The Business Times

China's new securities regulator has a tough job ahead after market rout

Published Mon, Feb 22, 2016 · 02:06 AM

[SINGAPORE] Liu Shiyu is assuming oversight of the world's second-largest stock market in the wake of a US$5 trillion rout that left his predecessor criticised for mismanagement.

As well as needing to rebuild morale among the nation's 99 million investors, Mr Liu will preside over an overhaul of initial public offerings, the planned expansion of a trading link with Hong Kong and a campaign to get the nation's shares included in MSCI's global indexes.

"China faces a confidence crisis after the recent stock market turmoil, stoked to a large extent by policy flip flops," said Vasu Menon, Singapore-based vice-president for wealth management reasearch at Oversea-Chinese Banking Corp.

"International investors will wait to see if he can deliver fresh policies to stabilize the stock market with a steady hand without backtracking on market liberalisation."

Mr Liu takes over as chairman of the China Securities Regulatory Commission from Xiao Gang, who was removed from his post on Saturday after less than three years.

Under Mr Xiao, looser controls over leverage helped triple the value of Chinese equities to US$10 trillion before share prices collapsed last summer.

The plunge reverberated across global financial markets and triggered unprecedented state intervention as the government sought to prevent the turmoil from spreading to an economy already growing at its slowest pace in 25 years.

Mr Liu was previously chairman of Agricultural Bank of China Ltd, the nation's third-largest lender, and was a deputy governor at the People's Bank of China (PBOC) before that.

Prior to joining the PBOC, Liu worked at China Construction Bank Corp and the nation's economic reform commission. He holds a master's degree from the economic management school of Tsinghua University in Beijing.

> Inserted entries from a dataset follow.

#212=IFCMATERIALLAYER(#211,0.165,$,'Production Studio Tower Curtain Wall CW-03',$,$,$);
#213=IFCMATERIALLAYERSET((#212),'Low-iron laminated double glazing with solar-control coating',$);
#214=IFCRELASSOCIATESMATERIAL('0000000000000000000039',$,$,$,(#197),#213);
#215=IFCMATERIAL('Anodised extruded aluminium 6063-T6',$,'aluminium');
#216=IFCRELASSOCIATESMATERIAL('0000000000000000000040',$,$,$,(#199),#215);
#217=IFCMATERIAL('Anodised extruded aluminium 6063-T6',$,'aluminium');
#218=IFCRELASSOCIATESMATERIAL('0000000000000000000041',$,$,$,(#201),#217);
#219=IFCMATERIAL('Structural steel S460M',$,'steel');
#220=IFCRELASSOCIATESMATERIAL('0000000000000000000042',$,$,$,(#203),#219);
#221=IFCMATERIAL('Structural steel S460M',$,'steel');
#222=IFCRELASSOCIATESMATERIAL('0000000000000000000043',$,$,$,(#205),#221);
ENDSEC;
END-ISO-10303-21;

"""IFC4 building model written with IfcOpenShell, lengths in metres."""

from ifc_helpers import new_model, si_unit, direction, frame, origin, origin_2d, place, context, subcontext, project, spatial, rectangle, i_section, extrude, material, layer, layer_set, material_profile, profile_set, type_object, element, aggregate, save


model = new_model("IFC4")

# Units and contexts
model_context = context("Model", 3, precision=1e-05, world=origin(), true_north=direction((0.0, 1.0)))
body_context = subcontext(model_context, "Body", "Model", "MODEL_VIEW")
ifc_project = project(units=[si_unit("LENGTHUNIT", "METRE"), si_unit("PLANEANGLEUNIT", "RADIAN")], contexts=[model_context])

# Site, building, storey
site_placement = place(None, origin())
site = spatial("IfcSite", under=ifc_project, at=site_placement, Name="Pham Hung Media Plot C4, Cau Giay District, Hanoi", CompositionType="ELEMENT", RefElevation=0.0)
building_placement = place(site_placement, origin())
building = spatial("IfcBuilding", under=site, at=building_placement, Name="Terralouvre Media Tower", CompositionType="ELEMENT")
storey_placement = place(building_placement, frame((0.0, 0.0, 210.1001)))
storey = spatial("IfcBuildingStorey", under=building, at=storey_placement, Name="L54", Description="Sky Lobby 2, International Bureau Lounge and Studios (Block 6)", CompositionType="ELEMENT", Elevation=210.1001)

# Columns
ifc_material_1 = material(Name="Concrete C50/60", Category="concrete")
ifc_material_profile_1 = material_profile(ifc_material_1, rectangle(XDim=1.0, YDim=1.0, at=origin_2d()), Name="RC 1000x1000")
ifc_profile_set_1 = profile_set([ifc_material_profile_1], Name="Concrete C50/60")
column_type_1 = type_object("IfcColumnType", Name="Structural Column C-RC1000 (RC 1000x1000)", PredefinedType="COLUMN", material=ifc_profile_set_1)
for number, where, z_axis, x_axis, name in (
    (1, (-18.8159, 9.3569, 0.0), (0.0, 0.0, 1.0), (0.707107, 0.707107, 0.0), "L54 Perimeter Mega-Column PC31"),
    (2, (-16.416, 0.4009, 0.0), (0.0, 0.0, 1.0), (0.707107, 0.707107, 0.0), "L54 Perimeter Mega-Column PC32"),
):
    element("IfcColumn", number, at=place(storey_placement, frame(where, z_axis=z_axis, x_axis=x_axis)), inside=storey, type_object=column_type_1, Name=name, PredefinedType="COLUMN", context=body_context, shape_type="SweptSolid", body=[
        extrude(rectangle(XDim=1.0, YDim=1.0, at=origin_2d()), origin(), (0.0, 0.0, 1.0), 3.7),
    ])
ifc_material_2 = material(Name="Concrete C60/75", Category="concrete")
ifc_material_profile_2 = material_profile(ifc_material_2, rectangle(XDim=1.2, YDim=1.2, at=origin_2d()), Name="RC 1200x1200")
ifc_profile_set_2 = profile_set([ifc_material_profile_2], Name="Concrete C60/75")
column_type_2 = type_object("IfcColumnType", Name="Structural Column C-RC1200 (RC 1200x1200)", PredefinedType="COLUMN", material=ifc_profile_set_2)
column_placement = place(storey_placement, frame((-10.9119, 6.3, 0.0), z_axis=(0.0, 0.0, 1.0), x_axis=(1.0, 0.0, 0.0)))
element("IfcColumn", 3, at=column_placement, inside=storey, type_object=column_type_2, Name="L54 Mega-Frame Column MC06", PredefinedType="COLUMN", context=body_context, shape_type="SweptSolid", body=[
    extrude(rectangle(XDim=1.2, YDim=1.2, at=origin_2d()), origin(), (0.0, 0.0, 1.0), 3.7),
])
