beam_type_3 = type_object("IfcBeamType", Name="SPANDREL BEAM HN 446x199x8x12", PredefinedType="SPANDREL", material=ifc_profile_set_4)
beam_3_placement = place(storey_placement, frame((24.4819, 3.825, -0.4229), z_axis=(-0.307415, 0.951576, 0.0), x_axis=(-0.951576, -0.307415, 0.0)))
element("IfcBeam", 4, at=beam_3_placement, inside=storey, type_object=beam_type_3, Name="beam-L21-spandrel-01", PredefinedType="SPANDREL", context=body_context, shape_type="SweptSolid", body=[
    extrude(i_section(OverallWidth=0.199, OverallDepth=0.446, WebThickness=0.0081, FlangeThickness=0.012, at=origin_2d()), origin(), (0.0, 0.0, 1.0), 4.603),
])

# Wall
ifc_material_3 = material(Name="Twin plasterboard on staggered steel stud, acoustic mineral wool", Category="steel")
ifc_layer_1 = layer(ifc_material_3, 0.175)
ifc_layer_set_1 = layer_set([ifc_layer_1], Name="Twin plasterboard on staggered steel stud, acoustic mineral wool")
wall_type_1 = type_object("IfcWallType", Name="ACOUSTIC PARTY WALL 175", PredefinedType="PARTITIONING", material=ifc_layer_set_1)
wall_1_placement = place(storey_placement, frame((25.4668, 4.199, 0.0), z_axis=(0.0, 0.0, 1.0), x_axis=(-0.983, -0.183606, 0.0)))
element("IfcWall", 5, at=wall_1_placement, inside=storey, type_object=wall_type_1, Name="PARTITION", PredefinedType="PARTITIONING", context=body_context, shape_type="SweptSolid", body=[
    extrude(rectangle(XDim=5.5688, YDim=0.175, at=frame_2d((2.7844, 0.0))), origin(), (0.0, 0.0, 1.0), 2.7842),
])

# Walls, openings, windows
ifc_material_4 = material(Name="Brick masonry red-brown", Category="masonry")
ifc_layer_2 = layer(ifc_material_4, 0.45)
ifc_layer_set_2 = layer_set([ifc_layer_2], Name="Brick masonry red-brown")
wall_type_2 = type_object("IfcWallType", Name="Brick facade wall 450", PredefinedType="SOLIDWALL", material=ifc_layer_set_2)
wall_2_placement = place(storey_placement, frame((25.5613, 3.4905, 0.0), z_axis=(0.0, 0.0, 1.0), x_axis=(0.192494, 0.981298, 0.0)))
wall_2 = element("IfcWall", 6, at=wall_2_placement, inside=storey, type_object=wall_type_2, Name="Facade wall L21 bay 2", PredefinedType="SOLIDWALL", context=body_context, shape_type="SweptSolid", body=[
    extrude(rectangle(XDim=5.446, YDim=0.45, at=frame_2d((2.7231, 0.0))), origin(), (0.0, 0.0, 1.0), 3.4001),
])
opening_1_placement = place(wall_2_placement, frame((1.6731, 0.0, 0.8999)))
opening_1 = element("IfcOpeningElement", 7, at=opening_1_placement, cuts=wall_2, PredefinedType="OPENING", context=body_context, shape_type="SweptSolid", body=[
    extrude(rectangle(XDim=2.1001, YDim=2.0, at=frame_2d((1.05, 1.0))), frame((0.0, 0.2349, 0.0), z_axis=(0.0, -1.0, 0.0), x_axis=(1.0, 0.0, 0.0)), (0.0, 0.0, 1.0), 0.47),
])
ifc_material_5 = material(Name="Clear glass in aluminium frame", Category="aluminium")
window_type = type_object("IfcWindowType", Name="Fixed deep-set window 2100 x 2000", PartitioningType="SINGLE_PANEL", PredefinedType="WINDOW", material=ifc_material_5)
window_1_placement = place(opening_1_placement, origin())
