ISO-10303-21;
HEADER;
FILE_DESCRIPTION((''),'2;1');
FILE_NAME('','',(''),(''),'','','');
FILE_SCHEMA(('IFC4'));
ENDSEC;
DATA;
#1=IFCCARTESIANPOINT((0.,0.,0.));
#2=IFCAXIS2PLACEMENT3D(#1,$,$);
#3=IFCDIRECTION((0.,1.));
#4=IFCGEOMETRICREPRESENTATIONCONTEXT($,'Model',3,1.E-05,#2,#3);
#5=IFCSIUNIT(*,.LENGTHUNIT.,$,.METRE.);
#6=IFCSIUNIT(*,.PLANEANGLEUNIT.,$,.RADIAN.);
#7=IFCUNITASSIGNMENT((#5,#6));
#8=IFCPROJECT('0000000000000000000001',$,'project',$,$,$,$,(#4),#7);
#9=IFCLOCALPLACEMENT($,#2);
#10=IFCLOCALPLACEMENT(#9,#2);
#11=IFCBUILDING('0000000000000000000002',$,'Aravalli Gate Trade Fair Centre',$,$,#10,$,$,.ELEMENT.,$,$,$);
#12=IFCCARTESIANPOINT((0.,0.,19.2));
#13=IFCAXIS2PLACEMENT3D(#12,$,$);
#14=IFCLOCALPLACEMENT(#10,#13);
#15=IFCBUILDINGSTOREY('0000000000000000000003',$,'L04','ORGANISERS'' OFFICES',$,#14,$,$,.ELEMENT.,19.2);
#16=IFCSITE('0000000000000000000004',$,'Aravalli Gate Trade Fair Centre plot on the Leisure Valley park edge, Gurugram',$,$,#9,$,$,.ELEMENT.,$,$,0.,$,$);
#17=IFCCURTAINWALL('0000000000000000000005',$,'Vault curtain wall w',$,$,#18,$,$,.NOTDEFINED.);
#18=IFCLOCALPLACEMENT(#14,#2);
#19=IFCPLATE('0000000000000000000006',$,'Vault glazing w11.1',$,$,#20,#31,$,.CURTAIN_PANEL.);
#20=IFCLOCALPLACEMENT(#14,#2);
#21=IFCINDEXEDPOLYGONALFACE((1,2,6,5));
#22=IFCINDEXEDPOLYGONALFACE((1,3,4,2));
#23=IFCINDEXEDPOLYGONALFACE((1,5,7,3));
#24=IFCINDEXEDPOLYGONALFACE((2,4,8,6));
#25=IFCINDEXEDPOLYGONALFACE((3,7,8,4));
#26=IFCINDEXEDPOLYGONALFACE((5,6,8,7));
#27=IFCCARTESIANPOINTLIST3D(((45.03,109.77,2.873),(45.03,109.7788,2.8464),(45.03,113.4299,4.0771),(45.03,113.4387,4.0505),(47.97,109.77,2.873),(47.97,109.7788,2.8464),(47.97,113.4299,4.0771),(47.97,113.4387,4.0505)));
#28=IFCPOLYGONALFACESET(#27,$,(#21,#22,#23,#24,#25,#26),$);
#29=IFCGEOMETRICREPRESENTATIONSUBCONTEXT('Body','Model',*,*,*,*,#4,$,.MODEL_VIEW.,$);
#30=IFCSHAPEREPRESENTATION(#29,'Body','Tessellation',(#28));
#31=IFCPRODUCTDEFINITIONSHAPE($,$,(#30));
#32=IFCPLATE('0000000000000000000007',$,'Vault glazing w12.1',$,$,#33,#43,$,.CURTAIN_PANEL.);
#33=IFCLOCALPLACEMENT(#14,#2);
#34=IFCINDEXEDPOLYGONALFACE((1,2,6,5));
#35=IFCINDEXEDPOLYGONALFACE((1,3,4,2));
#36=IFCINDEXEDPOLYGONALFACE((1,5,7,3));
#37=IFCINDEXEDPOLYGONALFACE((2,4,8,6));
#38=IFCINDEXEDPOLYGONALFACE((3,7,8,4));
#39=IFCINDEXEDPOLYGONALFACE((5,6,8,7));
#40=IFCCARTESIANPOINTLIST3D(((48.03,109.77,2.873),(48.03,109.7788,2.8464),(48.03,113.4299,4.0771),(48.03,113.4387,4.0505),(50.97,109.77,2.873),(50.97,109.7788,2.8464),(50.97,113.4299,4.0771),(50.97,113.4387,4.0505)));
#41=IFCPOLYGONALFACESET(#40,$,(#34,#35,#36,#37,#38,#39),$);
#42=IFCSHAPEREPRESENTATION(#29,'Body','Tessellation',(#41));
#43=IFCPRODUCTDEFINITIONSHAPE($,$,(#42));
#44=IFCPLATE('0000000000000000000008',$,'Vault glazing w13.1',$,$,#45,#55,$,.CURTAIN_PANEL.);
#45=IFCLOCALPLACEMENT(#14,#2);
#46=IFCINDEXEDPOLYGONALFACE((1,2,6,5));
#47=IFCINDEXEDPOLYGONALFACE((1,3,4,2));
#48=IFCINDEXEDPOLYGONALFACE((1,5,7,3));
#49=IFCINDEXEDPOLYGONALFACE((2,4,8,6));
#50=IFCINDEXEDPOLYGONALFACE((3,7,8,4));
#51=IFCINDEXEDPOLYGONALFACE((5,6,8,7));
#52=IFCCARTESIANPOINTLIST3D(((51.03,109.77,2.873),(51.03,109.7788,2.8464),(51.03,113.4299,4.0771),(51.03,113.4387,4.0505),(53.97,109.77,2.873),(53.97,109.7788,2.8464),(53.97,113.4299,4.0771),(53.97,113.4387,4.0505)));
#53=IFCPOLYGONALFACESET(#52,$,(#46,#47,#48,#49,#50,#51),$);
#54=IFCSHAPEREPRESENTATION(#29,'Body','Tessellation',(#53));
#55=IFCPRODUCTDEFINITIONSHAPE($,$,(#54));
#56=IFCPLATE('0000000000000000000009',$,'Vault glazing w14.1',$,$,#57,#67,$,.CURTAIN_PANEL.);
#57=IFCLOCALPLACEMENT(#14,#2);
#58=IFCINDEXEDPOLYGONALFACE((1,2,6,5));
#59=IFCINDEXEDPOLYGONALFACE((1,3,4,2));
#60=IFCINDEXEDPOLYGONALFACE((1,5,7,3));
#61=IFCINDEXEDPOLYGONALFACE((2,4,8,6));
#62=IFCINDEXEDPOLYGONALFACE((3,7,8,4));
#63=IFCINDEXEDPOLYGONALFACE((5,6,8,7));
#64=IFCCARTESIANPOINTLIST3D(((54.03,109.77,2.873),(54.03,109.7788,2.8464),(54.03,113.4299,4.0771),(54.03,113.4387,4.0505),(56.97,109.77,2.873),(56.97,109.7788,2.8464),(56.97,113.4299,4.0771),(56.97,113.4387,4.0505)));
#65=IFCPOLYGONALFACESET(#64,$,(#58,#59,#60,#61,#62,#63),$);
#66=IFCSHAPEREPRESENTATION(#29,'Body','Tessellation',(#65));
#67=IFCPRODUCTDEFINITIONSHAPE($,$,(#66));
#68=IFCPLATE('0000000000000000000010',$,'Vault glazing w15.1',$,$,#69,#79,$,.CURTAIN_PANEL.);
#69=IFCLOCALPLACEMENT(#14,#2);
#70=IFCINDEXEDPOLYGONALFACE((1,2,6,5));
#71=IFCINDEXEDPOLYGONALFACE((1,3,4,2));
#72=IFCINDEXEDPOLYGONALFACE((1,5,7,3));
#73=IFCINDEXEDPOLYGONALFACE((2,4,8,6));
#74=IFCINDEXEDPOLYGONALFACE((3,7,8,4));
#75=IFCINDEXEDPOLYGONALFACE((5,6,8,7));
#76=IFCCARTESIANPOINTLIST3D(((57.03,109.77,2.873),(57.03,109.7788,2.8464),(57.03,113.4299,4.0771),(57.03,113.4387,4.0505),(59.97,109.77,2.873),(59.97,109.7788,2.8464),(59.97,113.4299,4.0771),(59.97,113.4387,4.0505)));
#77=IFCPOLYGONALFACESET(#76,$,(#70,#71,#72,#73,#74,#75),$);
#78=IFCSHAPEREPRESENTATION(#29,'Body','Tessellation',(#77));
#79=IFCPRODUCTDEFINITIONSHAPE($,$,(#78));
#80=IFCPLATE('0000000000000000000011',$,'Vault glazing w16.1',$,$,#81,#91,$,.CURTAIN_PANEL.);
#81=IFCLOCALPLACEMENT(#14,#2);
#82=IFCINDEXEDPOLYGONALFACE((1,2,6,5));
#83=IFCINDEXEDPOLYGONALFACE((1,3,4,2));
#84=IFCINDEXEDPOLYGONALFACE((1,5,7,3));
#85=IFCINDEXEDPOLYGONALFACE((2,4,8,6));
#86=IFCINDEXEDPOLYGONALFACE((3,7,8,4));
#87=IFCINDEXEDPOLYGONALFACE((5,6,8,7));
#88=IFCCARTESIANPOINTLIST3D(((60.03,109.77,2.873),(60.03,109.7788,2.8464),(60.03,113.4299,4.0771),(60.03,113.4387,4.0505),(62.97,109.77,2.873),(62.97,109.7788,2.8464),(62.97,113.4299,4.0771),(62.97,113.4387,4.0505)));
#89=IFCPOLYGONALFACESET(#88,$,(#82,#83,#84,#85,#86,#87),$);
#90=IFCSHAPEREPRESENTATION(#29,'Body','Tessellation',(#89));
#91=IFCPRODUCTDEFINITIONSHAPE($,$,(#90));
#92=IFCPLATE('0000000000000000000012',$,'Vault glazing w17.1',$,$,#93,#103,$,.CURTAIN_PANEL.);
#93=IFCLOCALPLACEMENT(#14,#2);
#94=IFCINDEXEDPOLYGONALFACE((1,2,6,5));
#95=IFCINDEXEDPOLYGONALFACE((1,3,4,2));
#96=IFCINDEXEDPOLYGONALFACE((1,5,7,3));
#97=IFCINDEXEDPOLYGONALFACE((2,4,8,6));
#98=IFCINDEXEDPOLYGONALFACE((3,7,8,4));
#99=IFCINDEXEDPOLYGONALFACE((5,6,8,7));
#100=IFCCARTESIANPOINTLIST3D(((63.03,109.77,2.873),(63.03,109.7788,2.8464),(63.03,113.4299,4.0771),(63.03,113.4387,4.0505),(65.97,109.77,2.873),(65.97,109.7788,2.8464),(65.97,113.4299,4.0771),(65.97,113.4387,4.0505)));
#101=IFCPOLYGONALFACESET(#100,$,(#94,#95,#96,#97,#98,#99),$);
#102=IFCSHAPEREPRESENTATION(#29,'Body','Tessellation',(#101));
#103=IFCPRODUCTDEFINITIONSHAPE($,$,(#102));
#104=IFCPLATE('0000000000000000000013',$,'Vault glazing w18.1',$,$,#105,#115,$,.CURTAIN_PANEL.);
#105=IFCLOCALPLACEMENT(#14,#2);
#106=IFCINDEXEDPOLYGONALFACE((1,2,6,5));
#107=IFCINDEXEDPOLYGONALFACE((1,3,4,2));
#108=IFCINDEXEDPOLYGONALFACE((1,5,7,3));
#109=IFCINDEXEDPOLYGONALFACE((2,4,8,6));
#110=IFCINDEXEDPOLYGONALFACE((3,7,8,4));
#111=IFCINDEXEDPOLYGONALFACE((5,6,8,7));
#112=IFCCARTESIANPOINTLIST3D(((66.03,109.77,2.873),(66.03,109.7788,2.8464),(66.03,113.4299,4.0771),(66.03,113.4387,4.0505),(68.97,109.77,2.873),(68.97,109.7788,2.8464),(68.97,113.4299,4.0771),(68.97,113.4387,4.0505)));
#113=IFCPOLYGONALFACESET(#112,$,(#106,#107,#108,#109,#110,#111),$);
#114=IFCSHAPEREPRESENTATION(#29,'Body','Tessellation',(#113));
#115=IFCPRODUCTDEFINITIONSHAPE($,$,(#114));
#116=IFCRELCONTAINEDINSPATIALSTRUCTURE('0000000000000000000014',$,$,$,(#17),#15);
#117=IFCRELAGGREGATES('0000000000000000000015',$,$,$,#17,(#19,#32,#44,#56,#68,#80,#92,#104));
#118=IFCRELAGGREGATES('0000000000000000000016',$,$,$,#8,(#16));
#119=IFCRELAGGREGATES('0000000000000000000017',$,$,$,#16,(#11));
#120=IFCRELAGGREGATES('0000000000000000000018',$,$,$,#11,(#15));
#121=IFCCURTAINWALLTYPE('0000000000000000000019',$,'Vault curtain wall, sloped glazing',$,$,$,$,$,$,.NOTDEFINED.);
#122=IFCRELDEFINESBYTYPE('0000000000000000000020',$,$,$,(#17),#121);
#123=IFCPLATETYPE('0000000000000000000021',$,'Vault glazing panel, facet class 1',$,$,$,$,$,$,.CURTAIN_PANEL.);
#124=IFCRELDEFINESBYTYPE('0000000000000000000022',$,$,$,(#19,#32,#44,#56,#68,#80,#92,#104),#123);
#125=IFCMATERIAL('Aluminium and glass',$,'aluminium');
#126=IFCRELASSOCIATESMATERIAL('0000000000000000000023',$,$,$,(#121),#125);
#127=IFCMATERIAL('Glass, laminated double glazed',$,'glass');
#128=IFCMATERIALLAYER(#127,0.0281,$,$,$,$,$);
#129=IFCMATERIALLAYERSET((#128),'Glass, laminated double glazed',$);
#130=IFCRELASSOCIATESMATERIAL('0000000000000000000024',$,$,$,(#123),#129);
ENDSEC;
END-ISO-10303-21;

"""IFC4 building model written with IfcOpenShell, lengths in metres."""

from ifc_helpers import new_model, si_unit, direction, frame, origin, place, context, subcontext, project, spatial, polyline, outline, extrude, material, layer, layer_set, type_object, element, aggregate, save


model = new_model("IFC4")

# Units and contexts
model_context = context("Model", 3, precision=1e-05, world=origin(), true_north=direction((0.0, 1.0)))
body_context = subcontext(model_context, "Body", "Model", "MODEL_VIEW")
ifc_project = project(units=[si_unit("LENGTHUNIT", "METRE"), si_unit("PLANEANGLEUNIT", "RADIAN")], contexts=[model_context])

# Site, building, storey
site_placement = place(None, origin())
site = spatial("IfcSite", under=ifc_project, at=site_placement, Name="Aravalli Gate Trade Fair Centre plot on the Leisure Valley park edge, Gurugram", CompositionType="ELEMENT", RefElevation=0.0)
building_placement = place(site_placement, origin())
building = spatial("IfcBuilding", under=site, at=building_placement, Name="Aravalli Gate Trade Fair Centre", CompositionType="ELEMENT")
storey_placement = place(building_placement, frame((0.0, 0.0, 19.2)))
storey = spatial("IfcBuildingStorey", under=building, at=storey_placement, Name="L04", Description="ORGANISERS' OFFICES", CompositionType="ELEMENT", Elevation=19.2)

# Curtain wall, plates
ifc_material_1 = material(Name="Aluminium and glass", Category="aluminium")
curtain_wall_type = type_object("IfcCurtainWallType", Name="Vault curtain wall, sloped glazing", PredefinedType="NOTDEFINED", material=ifc_material_1)
curtain_wall_placement = place(storey_placement, origin())
curtain_wall = element("IfcCurtainWall", 1, at=curtain_wall_placement, inside=storey, type_object=curtain_wall_type, Name="Vault curtain wall w", PredefinedType="NOTDEFINED")
ifc_material_2 = material(Name="Glass, laminated double glazed", Category="glass")
ifc_layer = layer(ifc_material_2, 0.0281)
ifc_layer_set = layer_set([ifc_layer], Name="Glass, laminated double glazed")
plate_type = type_object("IfcPlateType", Name="Vault glazing panel, facet class 1", PredefinedType="CURTAIN_PANEL", material=ifc_layer_set)
plate_1_placement = place(storey_placement, frame((45.03, 109.77, 2.873), z_axis=(0.0, -0.312518, 0.949912), x_axis=(1.0, 0.0, 0.0)))
plate_1 = element("IfcPlate", 2, at=plate_1_placement, type_object=plate_type, Name="Vault glazing w11.1", PredefinedType="CURTAIN_PANEL", context=body_context, shape_type="SweptSolid", body=[
    extrude(outline(polyline([(0.0, 0.0), (2.9399, 0.0), (2.9399, 3.8529), (0.0, 3.8529), (0.0, 0.0)])), origin(), (0.0, 0.0, -1.0), 0.0281),
])
plate_2_placement = place(storey_placement, frame((48.03, 109.77, 2.873), z_axis=(0.0, -0.312518, 0.949912), x_axis=(1.0, 0.0, 0.0)))
plate_2 = element("IfcPlate", 3, at=plate_2_placement, type_object=plate_type, Name="Vault glazing w12.1", PredefinedType="CURTAIN_PANEL", context=body_context, shape_type="SweptSolid", body=[
    extrude(outline(polyline([(0.0, 0.0), (2.9399, 0.0), (2.9399, 3.8529), (0.0, 3.8529), (0.0, 0.0)])), origin(), (0.0, 0.0, -1.0), 0.0281),
])
plate_3_placement = place(storey_placement, frame((51.03, 109.77, 2.873), z_axis=(0.0, -0.312518, 0.949912), x_axis=(1.0, 0.0, 0.0)))
plate_3 = element("IfcPlate", 4, at=plate_3_placement, type_object=plate_type, Name="Vault glazing w13.1", PredefinedType="CURTAIN_PANEL", context=body_context, shape_type="SweptSolid", body=[
    extrude(outline(polyline([(0.0, 0.0), (2.9399, 0.0), (2.9399, 3.8529), (0.0, 3.8529), (0.0, 0.0)])), origin(), (0.0, 0.0, -1.0), 0.0281),
])
plate_4_placement = place(storey_placement, frame((54.03, 109.77, 2.873), z_axis=(0.0, -0.312518, 0.949912), x_axis=(1.0, 0.0, 0.0)))
plate_4 = element("IfcPlate", 5, at=plate_4_placement, type_object=plate_type, Name="Vault glazing w14.1", PredefinedType="CURTAIN_PANEL", context=body_context, shape_type="SweptSolid", body=[
    extrude(outline(polyline([(0.0, 0.0), (2.9399, 0.0), (2.9399, 3.8529), (0.0, 3.8529), (0.0, 0.0)])), origin(), (0.0, 0.0, -1.0), 0.0281),
])
plate_5_placement = place(storey_placement, frame((57.03, 109.77, 2.873), z_axis=(0.0, -0.312518, 0.949912), x_axis=(1.0, 0.0, 0.0)))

Mr Liu has played a significant role in developing China's bond market, and should be a better steward of the securities industry than Mr Xiao, according to Xia Chun, a senior finance lecturer at the university of Hong Kong. Both are seen as quite conservative toward new developments in financial markets, he said.

For Bocom International Holdings Co and Partners Capital International Ltd, Mr Liu's appointment may buoy the market in the short term as investors anticipate supportive policies.

The Shanghai Composite Index had its best stretch in 2016 last week, rallying 3.5 per cent, and a gauge of 100-day price swings has fallen to its lowest level since June. Even so, the benchmark gauge is down 19 per cent this year, with losses surpassed only by Italy and Greece.

"The situation is not very stable," said Linus Yip, a Hong Kong-based strategist at First Shanghai Securities Ltd.

"The CSRC must regulate without overly protecting the market."

One of Mr Liu's most important tasks will be to oversee the introduction of a more market-based registration system for initial public offerings, expected to be unveiled later this year.

The new regime would leave the questions of IPO supply and timing to companies and the market, rather than the CSRC, and give firms more power to determine pricing.

Investors are still awaiting an exchange link between Hong Kong and Shenzhen, modeled on the Shanghai one that began in November 2014. MSCI has said that giving foreigners more access to China's second-largest equity market, home to many of its small technology companies, is key to getting the nation's stocks included in global gauges.

The index compiler refrained from taking that step in June, saying China still needed to make shares easier for foreign investors to access. The decision came before the summer rout spurred state intervention that was criticized by global asset managers.

Mr Xiao last month acknowledged mistakes after a review of the turmoil. An immature bourse and participants, incomplete trading rules, an inadequate market system and an inappropriate regulatory system were to blame and regulators will learn from the experience, he said.

In one of the most high-profile missteps, the CSRC scrapped circuit breakers in the same week it introduced them. The implementation of the system in January, which was meant to reduce volatility, had the opposite effect as investors panicked at the prospect of not being able to sell their shares.

"The circuit breaker system was the last straw," said Dai Ming, a fund manager at Hengsheng Asset Management Co in Shanghai.

"Xiao does not have a very thorough understanding of the stock market."

Mr Xiao's achievements often get overlooked, said Hao Hong, Hong Kong-based equity strategist at Bocom International.

Mr Xiao oversaw the development of index futures and options, margin financing and the equity link with Hong Kong, while the stock market is still almost twice the size it was when he took the helm.

Mr Liu's "challenge is to roll out the registration-based IPO system to let the stock market become an even more efficient financing instrument," Mr Hao said.

"Also the securities law will need some improvement for a fairer and more transparent market."

For now, shareholders will be looking to Mr Liu to balance the interests of the state with the opening up of the US$5.6 trillion market, while attempting to restore morale among the individual investors who account for more than 80 per cent of trading.

"It's a huge challenge to soothe the fragile investor sentiment," said Chen Xingyu, a Shanghai-based analyst at Phillip Securities Research.

"For the longer term, how to press ahead with the policy initiatives and deepen reforms in a sustained and stable manner remains a big challenge."